# Parts Store for C5 A6



## Mk2Fever (Dec 12, 2005)

Hey A6 forums, I'm leaving the MkIV scene and I'm getting an A6 in the next few weeks and would like to know of some places online to get aftermarket/replacement OEM parts. Performance-cafe and parts4audi have pretty small selections. Is there anywhere else to go for parts online? 
Pictures soon!
Similar:


----------



## Corporaljohnson (Feb 25, 2005)

Here are a couple...
rapidparts.com
performance-cafe.com
audiworld.com
shox.com
avalonmotorsports.com
vastperformance.com
purems.com
unitronic.ca
mjmautohaus.com
lltek.com


----------



## K04A1 (Sep 1, 2004)

*Re: (Corporaljohnson)*

achtuning.com
ecstuning.com


----------



## ironmule (Apr 11, 2008)

*Re: Parts Store for C5 A6 (Mk2Fever)*

i too went from a mk4(gti 1.8t) to a a6, the aftermarket is slim for the a6 compared to the mk4. i miss tinkering with boost... i wish i got a 2.7t


----------



## Snowhere (Jul 27, 2007)

*Re: Parts Store for C5 A6 (ironmule)*


_Quote, originally posted by *ironmule* »_i too went from a mk4(gti 1.8t) to a a6, the aftermarket is slim for the a6 compared to the mk4. i miss tinkering with boost... i wish i got a 2.7t 

That is why I keep my Corrado. Much better road feel compared to the later VWs and I am still in project mode. My 2.8 A6 Avant is mainly a comfortable family vehicle. But I do not seem to have any problems passing the slower drivers on my 37 mile commute to work. As long as the weather is clear, it only takes me 40 minutes to drive.
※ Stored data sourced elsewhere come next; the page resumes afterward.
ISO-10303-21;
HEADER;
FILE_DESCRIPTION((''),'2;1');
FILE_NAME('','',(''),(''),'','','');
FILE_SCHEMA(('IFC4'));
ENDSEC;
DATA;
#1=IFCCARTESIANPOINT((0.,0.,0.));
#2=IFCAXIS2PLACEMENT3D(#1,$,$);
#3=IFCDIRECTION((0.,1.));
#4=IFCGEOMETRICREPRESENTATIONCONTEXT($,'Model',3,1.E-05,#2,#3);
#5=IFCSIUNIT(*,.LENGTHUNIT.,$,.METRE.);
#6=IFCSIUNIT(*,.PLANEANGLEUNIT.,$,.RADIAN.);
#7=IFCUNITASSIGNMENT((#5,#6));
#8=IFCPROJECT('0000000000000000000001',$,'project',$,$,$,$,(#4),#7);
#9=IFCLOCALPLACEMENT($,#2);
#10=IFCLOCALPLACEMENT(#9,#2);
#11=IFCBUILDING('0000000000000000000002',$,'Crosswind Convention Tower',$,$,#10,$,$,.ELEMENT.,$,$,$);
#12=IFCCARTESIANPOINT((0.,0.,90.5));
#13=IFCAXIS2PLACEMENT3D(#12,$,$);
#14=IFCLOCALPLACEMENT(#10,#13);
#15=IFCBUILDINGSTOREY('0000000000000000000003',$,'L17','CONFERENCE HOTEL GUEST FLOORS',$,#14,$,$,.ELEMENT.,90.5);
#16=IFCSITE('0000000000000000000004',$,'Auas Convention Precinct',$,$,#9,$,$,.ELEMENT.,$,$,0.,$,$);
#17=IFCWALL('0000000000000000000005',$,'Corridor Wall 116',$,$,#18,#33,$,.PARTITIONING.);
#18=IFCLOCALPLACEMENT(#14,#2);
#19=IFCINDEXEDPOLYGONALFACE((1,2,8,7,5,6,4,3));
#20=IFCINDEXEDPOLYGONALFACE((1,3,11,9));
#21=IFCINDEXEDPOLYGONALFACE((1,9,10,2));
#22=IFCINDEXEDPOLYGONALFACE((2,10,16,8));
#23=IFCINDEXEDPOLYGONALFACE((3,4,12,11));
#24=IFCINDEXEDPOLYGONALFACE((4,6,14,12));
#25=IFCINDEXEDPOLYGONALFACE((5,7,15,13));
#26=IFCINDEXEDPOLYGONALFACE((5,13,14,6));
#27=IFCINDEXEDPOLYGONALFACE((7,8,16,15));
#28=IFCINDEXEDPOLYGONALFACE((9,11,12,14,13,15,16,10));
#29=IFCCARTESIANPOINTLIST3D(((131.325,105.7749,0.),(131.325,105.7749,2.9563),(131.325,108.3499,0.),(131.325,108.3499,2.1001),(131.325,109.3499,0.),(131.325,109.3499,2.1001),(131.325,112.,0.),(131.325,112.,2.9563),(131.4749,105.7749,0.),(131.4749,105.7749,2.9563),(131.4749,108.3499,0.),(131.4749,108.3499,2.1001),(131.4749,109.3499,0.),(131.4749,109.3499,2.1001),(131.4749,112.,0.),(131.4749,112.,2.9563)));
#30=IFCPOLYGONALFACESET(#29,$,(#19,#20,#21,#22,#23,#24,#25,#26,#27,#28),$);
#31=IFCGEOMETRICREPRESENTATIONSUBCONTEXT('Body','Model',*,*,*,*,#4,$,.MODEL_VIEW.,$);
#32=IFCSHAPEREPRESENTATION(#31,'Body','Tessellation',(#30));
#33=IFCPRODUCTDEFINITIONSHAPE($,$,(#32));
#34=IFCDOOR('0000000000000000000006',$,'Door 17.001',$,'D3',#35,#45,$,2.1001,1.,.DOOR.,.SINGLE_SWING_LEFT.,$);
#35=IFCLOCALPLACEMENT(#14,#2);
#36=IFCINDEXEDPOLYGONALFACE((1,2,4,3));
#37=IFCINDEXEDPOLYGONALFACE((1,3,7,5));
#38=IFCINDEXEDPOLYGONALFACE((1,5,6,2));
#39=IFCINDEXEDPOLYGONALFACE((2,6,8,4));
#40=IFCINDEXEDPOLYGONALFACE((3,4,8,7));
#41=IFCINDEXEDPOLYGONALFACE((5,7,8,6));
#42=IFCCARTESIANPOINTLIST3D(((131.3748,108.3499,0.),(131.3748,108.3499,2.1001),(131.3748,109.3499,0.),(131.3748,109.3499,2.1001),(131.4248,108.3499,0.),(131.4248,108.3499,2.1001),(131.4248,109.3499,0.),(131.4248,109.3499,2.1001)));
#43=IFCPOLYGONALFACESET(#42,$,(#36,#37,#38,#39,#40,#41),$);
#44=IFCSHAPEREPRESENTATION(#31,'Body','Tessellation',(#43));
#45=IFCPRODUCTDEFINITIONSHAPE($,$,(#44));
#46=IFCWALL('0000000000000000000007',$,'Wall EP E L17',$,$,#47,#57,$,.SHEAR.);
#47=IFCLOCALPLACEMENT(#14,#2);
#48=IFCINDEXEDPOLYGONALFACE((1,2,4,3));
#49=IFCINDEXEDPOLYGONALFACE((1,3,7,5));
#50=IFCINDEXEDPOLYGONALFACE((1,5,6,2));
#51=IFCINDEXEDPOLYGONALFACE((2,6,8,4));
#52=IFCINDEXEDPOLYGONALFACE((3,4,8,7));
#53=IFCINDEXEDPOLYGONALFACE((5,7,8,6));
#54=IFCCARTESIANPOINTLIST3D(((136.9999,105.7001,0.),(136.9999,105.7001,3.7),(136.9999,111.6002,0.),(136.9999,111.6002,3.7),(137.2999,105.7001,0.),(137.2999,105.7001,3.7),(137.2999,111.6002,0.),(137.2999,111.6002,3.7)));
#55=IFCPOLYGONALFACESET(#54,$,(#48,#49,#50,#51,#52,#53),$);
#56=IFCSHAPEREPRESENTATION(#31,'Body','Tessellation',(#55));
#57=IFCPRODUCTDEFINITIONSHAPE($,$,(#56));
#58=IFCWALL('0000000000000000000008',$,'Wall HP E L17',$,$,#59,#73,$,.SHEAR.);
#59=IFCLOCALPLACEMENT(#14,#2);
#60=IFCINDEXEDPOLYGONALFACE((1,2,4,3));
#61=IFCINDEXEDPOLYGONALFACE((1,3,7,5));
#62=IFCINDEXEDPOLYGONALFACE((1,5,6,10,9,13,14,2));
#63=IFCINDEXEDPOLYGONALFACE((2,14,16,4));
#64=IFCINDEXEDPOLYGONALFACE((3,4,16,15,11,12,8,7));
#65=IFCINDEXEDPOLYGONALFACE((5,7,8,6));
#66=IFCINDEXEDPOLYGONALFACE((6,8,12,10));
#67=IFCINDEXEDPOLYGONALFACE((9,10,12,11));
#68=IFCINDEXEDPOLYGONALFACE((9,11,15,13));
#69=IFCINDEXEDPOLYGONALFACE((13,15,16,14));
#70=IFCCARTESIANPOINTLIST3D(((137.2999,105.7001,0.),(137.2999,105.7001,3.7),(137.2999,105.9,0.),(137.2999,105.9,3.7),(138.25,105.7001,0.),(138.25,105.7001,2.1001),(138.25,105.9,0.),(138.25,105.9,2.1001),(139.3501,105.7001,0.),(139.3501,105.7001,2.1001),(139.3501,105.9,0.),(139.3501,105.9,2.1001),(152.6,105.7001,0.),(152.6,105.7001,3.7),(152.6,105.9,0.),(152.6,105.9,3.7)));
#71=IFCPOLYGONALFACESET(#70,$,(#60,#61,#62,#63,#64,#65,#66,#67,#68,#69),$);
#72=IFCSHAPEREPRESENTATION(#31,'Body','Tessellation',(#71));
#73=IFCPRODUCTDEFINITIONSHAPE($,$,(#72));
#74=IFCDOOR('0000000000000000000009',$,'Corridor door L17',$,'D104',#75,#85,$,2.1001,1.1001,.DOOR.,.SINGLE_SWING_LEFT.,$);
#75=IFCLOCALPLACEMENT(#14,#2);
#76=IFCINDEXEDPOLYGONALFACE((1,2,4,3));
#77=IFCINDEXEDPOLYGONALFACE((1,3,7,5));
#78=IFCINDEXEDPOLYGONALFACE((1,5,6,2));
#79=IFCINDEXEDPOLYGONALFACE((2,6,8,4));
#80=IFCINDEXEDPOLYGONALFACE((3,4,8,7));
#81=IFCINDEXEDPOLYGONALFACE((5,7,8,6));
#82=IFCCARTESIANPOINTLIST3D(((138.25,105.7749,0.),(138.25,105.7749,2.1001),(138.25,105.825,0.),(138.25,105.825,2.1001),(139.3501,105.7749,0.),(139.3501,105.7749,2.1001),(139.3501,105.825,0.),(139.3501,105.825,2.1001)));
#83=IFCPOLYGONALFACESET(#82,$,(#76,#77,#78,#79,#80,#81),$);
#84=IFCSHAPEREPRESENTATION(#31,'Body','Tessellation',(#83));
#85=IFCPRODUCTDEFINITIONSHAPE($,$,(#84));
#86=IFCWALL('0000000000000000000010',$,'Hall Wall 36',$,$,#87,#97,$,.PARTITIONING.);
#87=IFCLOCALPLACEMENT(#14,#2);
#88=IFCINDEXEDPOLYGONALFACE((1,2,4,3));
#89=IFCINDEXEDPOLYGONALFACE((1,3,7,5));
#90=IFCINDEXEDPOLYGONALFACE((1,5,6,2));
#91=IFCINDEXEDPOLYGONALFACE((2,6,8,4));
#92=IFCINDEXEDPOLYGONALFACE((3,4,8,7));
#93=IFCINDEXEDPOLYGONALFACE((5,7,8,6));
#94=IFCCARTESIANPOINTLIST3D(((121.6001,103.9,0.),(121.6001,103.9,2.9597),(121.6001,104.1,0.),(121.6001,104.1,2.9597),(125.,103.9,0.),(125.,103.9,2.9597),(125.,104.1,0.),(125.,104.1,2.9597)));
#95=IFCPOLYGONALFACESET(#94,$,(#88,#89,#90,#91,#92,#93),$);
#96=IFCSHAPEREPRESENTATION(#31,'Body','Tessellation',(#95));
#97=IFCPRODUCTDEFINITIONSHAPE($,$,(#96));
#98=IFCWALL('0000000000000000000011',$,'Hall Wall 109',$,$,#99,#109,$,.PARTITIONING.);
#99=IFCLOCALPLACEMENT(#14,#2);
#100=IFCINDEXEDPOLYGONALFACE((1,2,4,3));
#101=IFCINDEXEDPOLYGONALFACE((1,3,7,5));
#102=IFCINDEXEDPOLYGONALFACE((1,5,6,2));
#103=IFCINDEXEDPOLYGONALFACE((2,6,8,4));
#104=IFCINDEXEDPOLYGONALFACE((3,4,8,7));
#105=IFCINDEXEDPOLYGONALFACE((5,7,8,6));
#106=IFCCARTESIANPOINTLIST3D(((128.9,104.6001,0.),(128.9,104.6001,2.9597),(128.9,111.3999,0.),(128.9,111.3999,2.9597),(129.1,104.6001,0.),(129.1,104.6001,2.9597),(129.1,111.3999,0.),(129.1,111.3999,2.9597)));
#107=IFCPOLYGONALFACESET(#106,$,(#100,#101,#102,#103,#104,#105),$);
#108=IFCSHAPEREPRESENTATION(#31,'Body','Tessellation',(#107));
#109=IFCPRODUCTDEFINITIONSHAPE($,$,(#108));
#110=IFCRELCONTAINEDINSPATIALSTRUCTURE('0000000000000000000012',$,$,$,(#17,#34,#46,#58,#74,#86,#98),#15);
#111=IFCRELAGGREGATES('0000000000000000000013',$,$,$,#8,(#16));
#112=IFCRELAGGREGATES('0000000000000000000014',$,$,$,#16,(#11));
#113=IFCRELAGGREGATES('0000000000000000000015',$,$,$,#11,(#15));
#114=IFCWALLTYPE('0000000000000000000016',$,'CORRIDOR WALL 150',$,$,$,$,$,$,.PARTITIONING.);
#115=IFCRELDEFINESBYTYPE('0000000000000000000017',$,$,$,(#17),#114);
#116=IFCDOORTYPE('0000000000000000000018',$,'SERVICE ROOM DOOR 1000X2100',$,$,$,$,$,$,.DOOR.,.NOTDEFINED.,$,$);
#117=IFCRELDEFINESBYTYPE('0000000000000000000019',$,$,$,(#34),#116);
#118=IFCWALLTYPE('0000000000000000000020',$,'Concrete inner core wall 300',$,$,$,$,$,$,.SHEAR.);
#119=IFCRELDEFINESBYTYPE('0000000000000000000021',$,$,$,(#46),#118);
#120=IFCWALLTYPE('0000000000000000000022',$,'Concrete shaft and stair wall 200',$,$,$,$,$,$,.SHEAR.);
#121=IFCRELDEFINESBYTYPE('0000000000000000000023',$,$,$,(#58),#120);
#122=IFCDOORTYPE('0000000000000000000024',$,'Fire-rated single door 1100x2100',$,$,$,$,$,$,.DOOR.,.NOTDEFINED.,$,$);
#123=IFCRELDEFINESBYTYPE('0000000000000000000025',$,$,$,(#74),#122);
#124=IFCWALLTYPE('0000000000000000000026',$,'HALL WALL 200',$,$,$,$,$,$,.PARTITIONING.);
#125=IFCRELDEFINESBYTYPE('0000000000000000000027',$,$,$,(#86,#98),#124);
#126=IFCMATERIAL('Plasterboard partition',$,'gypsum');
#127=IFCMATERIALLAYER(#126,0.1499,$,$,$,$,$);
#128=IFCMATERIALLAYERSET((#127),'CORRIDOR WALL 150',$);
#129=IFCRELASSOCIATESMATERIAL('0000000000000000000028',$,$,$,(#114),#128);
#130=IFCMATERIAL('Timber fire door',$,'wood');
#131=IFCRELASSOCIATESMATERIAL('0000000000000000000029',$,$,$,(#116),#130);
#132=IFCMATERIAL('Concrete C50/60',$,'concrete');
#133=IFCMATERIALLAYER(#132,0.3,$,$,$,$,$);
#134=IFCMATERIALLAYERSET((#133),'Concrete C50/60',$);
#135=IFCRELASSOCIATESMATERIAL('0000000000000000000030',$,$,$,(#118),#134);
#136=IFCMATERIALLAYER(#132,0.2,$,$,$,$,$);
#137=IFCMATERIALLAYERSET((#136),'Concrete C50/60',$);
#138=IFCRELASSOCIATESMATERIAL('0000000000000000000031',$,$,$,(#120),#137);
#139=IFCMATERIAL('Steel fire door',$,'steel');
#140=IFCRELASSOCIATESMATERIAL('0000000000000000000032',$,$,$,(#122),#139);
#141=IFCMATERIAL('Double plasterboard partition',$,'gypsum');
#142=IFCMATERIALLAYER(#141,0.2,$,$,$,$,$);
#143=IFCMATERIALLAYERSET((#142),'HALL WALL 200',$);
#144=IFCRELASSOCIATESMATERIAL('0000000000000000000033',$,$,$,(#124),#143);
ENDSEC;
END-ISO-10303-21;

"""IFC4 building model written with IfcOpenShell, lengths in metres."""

from ifc_helpers import new_model, si_unit, direction, frame, frame_2d, origin, place, context, subcontext, project, spatial, rectangle, extrude, material, layer, layer_set, type_object, element, fill, save


model = new_model("IFC4")

# Units and contexts
model_context = context("Model", 3, precision=1e-05, world=origin(), true_north=direction((0.0, 1.0)))
body_context = subcontext(model_context, "Body", "Model", "MODEL_VIEW")
ifc_project = project(units=[si_unit("LENGTHUNIT", "METRE"), si_unit("PLANEANGLEUNIT", "RADIAN")], contexts=[model_context])

# Site, building, storey
site_placement = place(None, origin())
site = spatial("IfcSite", under=ifc_project, at=site_placement, Name="Auas Convention Precinct", CompositionType="ELEMENT", RefElevation=0.0)
building_placement = place(site_placement, origin())
building = spatial("IfcBuilding", under=site, at=building_placement, Name="Crosswind Convention Tower", CompositionType="ELEMENT")
storey_placement = place(building_placement, frame((0.0, 0.0, 90.5)))
storey = spatial("IfcBuildingStorey", under=building, at=storey_placement, Name="L17", Description="CONFERENCE HOTEL GUEST FLOORS", CompositionType="ELEMENT", Elevation=90.5)

# Shared definitions
ifc_material_1 = material(Name="Steel fire door", Category="steel")

# Shared definitions
ifc_material_2 = material(Name="Plasterboard partition", Category="gypsum")
ifc_layer_1 = layer(ifc_material_2, 0.1499)
ifc_layer_set_1 = layer_set([ifc_layer_1], Name="CORRIDOR WALL 150")
wall_type_1 = type_object("IfcWallType", Name="CORRIDOR WALL 150", PredefinedType="PARTITIONING", material=ifc_layer_set_1)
Life is good when traffic just does not exist.
Just the same, the weather can start snowing just about anytime of year, I have had 8 inches in July, and when that happens, the Audi is worth it's weight in gold.


----------



## ironmule (Apr 11, 2008)

*Re: Parts Store for C5 A6 (Snowhere)*

new england winters can get tough, and the quattro is so fun, not as stressful as a lowered gti! im glad i got the a6 for the practicality


----------



## NiveK (Mar 23, 2004)

one of the best places around is autohausaz.com, they offer all oem parts that beat almost everyones prices and to top it off they offer free shipping over 50 dollars


----------



## Mk2Fever (Dec 12, 2005)

*Re: (NiveK)*

Sofar these places have had some good replacement parts, but where would I find things like R/S6 Doorblades, exterior body pieces and most importantly interior replacement pieces?


----------



## K04A1 (Sep 1, 2004)

*Re: (Mk2Fever)*


_Quote, originally posted by *Mk2Fever* »_Sofar these places have had some good replacement parts, but where would I find things like R/S6 Doorblades, exterior body pieces and most importantly interior replacement pieces?

shokan.com


----------



## Massboykie (Aug 15, 2006)

*Re: Parts Store for C5 A6 (Mk2Fever)*

Here's ALL of them








http://www.VAGLinks.com
Cheers
Massboykie


----------



## Corporaljohnson (Feb 25, 2005)

*Re: Parts Store for C5 A6 (Massboykie)*


_Quote, originally posted by *Massboykie* »_Here's ALL of them








http://www.VAGLinks.com
Cheers
Massboykie

Damn, thank from both of us!!


----------



## EUROBORA8V (May 16, 2005)

http://www.oempl.us
If if its not listed, he can get absolutely anything from Europe. Rich has done a lot of reserch for me and was able to get me a better pricing then competitors. Make sure you check them out.


----------



## Massboykie (Aug 15, 2006)

*Re: Parts Store for C5 A6 (Corporaljohnson)*


_Quote, originally posted by *Corporaljohnson* »_Damn, thank from both of us!!

Sweet...


----------